Bien souvent, les puces informatiques et les batteries se composent en partie de plastique, un matériau mal recyclé. Une équipe de scientifiques s’est penchée sur une méthode pour remplacer certaines parties de ces dispositifs par… de la peau de champignon. Cette matière entièrement biodégradable permettrait une meilleure recyclabilité.
« Les appareils électroniques sont irrévocablement intégrés dans nos vies. Pourtant, leur durée de vie limitée et leur élimination souvent irréfléchie exigent des concepts durables pour réaliser un avenir électronique vert », affirment les chercheurs en introduction de leurs travaux, publiés dans la revue Science Advances. Les auteurs de l’étude, qui font partie de la Johannes Kepler University, en Autriche, ont décidé que leur contribution à cette problématique passerait par les champignons. Ils ont appelé leur approche « MycelioTronics ».

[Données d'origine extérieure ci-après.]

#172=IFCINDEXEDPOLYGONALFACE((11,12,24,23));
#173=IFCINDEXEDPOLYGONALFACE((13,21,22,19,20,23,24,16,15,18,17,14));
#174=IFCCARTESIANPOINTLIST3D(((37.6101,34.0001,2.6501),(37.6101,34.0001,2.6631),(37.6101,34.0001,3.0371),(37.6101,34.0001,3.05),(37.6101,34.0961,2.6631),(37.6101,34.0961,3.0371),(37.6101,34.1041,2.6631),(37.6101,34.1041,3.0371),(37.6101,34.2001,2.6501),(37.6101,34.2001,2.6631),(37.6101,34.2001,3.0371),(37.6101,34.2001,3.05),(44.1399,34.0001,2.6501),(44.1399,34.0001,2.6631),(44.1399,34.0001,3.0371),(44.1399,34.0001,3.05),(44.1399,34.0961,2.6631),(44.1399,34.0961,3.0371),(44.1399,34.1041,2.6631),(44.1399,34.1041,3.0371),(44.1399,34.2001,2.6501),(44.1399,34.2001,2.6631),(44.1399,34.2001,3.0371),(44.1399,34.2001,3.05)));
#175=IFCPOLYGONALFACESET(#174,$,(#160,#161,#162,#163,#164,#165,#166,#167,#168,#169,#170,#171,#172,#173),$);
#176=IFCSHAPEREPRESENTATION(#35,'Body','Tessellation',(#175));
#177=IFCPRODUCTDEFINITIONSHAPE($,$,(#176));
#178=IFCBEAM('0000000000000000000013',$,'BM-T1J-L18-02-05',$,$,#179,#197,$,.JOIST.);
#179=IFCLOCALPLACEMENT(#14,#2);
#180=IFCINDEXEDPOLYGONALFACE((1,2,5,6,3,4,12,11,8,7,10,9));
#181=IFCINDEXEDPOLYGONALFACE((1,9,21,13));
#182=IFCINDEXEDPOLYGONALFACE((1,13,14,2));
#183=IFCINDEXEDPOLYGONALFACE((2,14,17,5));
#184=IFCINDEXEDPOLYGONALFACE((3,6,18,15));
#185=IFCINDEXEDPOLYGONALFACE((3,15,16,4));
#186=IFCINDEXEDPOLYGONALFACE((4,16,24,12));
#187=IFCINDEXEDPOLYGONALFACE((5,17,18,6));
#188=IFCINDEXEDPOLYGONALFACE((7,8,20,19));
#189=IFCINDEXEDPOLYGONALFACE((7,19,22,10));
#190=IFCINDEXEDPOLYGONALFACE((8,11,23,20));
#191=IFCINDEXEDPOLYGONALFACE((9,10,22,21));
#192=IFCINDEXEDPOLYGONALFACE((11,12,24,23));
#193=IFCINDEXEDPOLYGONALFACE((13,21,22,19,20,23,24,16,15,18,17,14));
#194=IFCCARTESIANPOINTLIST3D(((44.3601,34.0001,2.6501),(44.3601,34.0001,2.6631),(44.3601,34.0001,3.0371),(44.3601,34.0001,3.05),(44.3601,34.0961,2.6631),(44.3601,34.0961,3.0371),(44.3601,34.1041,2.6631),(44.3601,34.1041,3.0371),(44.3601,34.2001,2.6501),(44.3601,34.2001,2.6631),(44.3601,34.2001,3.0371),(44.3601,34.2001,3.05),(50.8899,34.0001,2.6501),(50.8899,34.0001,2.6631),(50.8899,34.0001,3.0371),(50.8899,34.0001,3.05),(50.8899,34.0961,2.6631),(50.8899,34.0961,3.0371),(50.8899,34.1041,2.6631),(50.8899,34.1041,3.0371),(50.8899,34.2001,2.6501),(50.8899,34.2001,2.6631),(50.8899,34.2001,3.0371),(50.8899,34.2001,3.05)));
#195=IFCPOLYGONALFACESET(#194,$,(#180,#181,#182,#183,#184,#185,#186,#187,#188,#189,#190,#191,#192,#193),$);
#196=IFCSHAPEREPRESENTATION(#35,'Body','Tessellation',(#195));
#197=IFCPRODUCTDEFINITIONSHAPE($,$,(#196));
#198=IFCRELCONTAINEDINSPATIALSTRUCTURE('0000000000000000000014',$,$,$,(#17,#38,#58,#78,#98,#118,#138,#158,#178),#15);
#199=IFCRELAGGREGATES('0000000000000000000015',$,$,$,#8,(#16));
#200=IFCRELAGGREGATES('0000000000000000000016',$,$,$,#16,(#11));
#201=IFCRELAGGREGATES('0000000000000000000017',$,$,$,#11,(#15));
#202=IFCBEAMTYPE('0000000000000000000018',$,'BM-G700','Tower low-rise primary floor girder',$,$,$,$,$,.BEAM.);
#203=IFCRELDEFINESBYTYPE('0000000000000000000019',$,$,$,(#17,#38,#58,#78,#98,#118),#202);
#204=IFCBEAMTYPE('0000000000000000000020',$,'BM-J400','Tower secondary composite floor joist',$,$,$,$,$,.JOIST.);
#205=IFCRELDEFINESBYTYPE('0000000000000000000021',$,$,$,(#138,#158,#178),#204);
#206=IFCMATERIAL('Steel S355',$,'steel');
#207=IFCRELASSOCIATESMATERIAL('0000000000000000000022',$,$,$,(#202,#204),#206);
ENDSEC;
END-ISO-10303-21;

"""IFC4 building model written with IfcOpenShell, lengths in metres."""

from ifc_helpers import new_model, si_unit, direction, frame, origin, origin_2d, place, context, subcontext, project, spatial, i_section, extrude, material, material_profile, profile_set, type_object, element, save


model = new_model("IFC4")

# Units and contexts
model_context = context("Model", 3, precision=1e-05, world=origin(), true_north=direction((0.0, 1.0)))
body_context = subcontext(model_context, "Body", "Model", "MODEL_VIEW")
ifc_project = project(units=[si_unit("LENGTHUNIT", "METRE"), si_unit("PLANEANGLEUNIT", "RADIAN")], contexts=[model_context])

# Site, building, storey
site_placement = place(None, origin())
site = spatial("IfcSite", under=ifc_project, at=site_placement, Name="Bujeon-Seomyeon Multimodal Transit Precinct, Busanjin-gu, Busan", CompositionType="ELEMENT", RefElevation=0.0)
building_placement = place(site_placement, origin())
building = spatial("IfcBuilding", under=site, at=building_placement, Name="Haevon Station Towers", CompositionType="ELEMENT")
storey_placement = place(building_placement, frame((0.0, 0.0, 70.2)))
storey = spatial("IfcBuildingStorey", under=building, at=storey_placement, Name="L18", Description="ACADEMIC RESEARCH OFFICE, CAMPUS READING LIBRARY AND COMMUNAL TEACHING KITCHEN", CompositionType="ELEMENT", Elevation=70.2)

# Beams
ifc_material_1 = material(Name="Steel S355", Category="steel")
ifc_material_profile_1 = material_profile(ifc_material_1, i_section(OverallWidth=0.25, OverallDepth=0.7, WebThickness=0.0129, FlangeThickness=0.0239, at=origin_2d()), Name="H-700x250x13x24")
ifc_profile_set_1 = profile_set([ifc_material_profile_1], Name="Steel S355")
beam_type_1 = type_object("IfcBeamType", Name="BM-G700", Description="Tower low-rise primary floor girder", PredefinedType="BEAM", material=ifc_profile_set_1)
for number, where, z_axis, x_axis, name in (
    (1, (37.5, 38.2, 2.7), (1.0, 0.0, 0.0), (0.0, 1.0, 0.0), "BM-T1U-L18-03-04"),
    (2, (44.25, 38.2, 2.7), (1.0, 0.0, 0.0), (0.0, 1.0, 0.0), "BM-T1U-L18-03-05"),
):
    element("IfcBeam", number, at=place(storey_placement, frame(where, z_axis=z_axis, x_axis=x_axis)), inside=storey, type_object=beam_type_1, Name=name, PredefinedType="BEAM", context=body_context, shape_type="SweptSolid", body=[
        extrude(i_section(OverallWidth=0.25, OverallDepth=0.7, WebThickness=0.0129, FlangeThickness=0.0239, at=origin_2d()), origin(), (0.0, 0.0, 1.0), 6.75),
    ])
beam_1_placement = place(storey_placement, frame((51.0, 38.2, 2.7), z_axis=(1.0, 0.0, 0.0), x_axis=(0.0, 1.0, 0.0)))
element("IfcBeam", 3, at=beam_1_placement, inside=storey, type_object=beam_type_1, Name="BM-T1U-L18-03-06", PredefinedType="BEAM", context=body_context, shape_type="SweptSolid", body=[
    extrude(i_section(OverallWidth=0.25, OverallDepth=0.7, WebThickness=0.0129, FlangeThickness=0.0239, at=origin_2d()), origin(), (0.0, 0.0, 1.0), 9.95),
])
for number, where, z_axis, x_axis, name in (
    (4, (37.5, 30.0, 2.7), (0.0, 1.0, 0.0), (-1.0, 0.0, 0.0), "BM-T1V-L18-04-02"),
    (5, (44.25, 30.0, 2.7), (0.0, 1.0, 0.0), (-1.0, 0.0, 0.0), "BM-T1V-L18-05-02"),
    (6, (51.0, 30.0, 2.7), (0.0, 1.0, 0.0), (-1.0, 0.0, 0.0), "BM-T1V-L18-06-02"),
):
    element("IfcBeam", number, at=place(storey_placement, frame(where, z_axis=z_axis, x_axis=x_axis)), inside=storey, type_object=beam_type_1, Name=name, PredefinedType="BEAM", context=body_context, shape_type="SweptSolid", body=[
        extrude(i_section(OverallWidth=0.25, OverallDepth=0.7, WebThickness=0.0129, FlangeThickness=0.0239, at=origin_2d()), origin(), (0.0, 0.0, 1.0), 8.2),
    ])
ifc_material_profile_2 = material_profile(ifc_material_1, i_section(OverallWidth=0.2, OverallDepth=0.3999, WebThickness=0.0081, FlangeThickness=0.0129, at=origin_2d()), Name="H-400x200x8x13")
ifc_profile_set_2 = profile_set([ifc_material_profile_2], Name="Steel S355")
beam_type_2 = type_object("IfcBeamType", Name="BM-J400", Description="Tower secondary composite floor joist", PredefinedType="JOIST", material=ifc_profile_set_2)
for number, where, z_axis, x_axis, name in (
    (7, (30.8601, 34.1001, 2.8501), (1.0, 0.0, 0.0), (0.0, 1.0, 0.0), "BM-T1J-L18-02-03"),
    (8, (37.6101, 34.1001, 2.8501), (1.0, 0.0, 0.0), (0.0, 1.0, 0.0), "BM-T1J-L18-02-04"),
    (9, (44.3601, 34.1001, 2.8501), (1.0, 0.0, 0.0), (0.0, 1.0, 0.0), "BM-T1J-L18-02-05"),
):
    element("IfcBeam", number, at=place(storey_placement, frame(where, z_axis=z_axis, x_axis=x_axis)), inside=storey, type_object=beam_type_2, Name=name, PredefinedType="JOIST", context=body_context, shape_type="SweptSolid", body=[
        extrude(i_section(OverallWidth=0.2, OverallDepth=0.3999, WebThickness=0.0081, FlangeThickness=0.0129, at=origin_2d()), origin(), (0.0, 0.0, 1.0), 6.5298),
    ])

Si vous vous demandez quel est le rapport entre une puce informatique et un champignon, vous serez peut-être surpris d’apprendre qu’ils font, visiblement, très bon ménage. Comme le rappelle le New Scientist, qui a également consacré un article à ce sujet, « tous les circuits électroniques, constitués de métaux conducteurs, doivent reposer sur une base isolante et refroidissante appelée substrat ». C’est justement ce substrat qui est, dans la plupart des dispositifs électroniques actuels, composé de matières plastiques. Lorsque l’appareil électronique arrive en fin de vie, le tout est simplement jeté, sans réelle possibilité de recyclage.
« Le substrat lui-même est le plus difficile à recycler », explique Martin Kaltenbrunner, de l’Université Johannes Kepler de Linz, en Autriche. « C’est aussi la plus grande partie de l’électronique et sa valeur est la plus faible, donc si vous avez certaines puces dessus qui ont en fait une grande valeur, vous pourriez vouloir les recycler ». Les scientifiques ont donc tenté d’utiliser la peau d’un champignon spécifique appelé Ganoderma lucidum, afin de remplacer ce fameux substrat. En effet, ce champignon, qui pousse généralement sur du bois en décomposition, forme une sorte de « peau » pour se protéger des bactéries, ou d’autres types de champignons. Les chercheurs l’ont prélevée et séchée, et se sont aperçus qu’elle faisait environ l’épaisseur d’une feuille de papier, tout en étant assez flexible. Elle constitue aussi un bon isolant et peut résister à des températures supérieures à 200 °C.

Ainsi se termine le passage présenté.